It is compulsory to have your bike registered and road worthied twice a year, but not to wear helmets. If you don't register your bike you will find it has been impounded. I have noticed the bike traffic officers are quite vigilant. Once impounded many people just go and get another one, rather than pay the fine which is often more than the bike's value. My 'gem' of a bike, with its above mentioned features, still cost the equivalent of $345 with the baby seat. No cheap K-Mart options that I could source, and to think I sold my old Malvern Star for $10 at our clearance garage sale before leaving.

Isn't it a beauty though??  

I know I will be the envy of everyone with this set of wheels under me!!

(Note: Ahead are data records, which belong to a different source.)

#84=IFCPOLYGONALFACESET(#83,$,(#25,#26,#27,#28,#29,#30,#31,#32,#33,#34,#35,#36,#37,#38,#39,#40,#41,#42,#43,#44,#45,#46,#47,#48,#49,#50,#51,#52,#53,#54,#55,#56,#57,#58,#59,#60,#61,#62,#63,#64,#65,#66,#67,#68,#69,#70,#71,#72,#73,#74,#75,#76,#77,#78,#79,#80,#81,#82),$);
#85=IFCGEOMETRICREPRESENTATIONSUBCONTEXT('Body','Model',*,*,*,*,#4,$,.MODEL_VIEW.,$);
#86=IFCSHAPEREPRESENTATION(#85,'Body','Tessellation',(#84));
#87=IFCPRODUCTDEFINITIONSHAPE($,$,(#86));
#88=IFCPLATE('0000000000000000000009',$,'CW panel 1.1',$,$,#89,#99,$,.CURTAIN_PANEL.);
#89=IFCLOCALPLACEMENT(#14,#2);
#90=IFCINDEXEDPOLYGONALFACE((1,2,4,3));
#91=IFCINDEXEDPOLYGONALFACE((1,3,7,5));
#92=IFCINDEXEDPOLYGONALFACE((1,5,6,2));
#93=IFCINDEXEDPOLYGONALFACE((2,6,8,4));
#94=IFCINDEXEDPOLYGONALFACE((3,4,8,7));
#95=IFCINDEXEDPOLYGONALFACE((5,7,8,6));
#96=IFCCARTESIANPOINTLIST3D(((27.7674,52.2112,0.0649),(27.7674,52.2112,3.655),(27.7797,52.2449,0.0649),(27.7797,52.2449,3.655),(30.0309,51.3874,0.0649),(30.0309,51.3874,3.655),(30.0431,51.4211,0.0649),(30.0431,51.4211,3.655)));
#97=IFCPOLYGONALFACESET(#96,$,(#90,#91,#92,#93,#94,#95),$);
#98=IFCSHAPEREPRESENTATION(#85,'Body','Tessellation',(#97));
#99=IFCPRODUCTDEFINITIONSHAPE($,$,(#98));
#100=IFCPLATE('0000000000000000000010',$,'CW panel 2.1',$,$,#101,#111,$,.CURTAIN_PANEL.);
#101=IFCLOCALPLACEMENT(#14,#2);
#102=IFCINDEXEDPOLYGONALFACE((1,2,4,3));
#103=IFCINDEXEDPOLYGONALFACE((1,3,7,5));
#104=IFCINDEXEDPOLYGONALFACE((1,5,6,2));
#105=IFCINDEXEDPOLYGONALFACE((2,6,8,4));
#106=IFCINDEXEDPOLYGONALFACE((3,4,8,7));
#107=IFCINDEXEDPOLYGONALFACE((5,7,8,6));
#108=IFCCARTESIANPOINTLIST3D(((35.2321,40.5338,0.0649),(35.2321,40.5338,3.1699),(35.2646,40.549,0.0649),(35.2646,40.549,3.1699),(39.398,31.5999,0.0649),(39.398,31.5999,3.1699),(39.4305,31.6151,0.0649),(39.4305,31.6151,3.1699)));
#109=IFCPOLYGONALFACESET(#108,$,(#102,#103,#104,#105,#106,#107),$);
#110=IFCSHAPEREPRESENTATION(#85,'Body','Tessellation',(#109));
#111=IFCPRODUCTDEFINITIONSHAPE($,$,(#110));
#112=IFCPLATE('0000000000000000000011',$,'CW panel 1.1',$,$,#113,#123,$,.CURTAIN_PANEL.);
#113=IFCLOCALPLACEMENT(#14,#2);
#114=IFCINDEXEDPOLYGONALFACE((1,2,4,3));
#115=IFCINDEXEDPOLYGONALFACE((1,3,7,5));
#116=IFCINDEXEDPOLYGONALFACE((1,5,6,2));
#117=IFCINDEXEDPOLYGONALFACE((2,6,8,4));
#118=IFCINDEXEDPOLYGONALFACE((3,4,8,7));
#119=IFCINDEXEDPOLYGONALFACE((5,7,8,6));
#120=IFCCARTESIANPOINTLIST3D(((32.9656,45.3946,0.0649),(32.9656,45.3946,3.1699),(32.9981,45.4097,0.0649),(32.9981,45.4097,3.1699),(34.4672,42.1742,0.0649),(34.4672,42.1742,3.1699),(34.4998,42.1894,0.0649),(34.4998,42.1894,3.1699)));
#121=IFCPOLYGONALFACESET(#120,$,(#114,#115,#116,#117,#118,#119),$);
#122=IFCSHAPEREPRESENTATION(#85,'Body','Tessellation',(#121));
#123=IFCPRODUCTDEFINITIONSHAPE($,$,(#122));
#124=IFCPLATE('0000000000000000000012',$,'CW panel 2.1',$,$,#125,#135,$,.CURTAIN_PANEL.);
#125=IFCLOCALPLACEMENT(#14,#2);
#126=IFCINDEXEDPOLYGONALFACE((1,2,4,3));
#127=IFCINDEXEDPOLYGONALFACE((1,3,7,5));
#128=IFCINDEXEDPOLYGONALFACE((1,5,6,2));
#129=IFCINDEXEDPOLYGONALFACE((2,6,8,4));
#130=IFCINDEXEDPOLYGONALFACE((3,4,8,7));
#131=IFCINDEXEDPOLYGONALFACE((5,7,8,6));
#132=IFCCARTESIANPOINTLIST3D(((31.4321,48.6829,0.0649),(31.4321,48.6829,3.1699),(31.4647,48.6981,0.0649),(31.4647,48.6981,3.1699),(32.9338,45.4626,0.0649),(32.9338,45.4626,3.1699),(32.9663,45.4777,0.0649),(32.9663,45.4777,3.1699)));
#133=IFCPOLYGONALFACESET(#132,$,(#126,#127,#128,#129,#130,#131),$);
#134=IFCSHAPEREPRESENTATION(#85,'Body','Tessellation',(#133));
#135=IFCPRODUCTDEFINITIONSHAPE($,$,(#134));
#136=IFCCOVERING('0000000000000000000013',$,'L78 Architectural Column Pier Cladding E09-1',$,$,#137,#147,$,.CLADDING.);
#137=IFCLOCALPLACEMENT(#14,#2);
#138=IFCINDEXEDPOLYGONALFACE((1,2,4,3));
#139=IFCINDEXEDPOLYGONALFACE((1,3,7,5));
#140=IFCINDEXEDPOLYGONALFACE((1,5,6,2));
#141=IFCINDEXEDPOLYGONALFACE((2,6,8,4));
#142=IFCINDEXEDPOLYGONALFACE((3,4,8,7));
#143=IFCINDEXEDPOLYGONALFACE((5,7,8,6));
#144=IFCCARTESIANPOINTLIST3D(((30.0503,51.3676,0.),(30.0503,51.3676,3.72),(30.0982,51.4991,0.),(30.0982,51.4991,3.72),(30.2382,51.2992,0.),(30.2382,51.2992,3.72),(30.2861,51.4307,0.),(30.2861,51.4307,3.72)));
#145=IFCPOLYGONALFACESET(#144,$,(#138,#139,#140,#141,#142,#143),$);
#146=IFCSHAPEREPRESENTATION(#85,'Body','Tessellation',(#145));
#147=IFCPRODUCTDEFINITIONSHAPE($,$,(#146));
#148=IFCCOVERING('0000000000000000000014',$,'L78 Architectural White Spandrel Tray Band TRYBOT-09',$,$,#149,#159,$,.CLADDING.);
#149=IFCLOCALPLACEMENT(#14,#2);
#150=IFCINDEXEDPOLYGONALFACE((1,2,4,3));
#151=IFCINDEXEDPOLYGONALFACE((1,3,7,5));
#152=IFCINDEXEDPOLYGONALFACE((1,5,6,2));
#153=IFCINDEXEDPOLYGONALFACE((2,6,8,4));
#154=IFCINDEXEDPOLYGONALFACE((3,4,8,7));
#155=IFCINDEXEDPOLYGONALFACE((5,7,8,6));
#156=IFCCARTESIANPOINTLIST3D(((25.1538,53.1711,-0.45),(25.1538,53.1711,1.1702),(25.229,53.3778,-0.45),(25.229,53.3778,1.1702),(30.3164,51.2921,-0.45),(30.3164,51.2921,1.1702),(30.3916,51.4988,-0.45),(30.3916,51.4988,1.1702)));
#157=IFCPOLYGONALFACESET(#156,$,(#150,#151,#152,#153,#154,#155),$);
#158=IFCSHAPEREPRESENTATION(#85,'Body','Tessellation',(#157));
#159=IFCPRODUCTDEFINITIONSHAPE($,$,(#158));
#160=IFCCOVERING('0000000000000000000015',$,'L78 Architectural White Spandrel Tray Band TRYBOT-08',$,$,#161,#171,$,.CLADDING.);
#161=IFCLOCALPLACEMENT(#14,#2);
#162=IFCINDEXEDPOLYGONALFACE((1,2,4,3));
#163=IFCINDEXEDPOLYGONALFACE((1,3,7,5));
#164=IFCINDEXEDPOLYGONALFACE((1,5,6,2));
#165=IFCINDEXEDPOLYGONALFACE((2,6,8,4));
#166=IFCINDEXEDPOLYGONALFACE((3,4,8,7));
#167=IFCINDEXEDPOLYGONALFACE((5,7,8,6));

For such a high population it is amazing to see how day to day living just ticks along. The streets are clean and tidy, rarely do you hear a car horn tooting, bicycles move smoothly along with cars and pedestrians on roads or footpaths, trains run like clockwork (almost always) and no one ever yells. What's wrong with the place?

 

The scenes below were taken at some of the eating places around the Shinagawa Station. We had a work 'team building' event at TY Harbor Brewery last week. The food was delicious and we ate way too much.



The scenes below were captured as we walked home. At least we got to walk off some of those calories.


The photo above is out the back of the Shinagawa Station. To return to the apartment from TY Harbor Brewery we had to go through the station so as to cross all the tracks, which effectively divide the place in half. There was another way but it was twice the distance.

Steve and I can be seen enjoying a Korean barbeque at another resaurant opposite the station.


The bibs were a good idea!!

Of course if you don't want to eat out and you don't want to cook there is plenty of fresh, pre-packaged food available at quite reasonable prices.


Packaging in all shops is extreme. Every bottle at the supermarket is wrapped in protective wrapping and goods are often double bagged in paper then plastic. I try to remember my own shopping bag and a quick "I-i-e" and hand wave usually avoids another flood of packaging.

Vegetables and fruit are astoundingly fresh but quantities are small and all individually wrapped in cellophane, often with sachets of silica gel enclosed. A packet of beans may contain 12-14 beans and cost about $2-50, carrots come in packets of 2-4, potatoes 4-6 and so on. I do like the way many things seem to be colour co-ordinated, that appeals to someone who likes to hang her washing out with colors together and matching pegs!! All the greens are together, then the reds, yellows etc. It often looks very artistic.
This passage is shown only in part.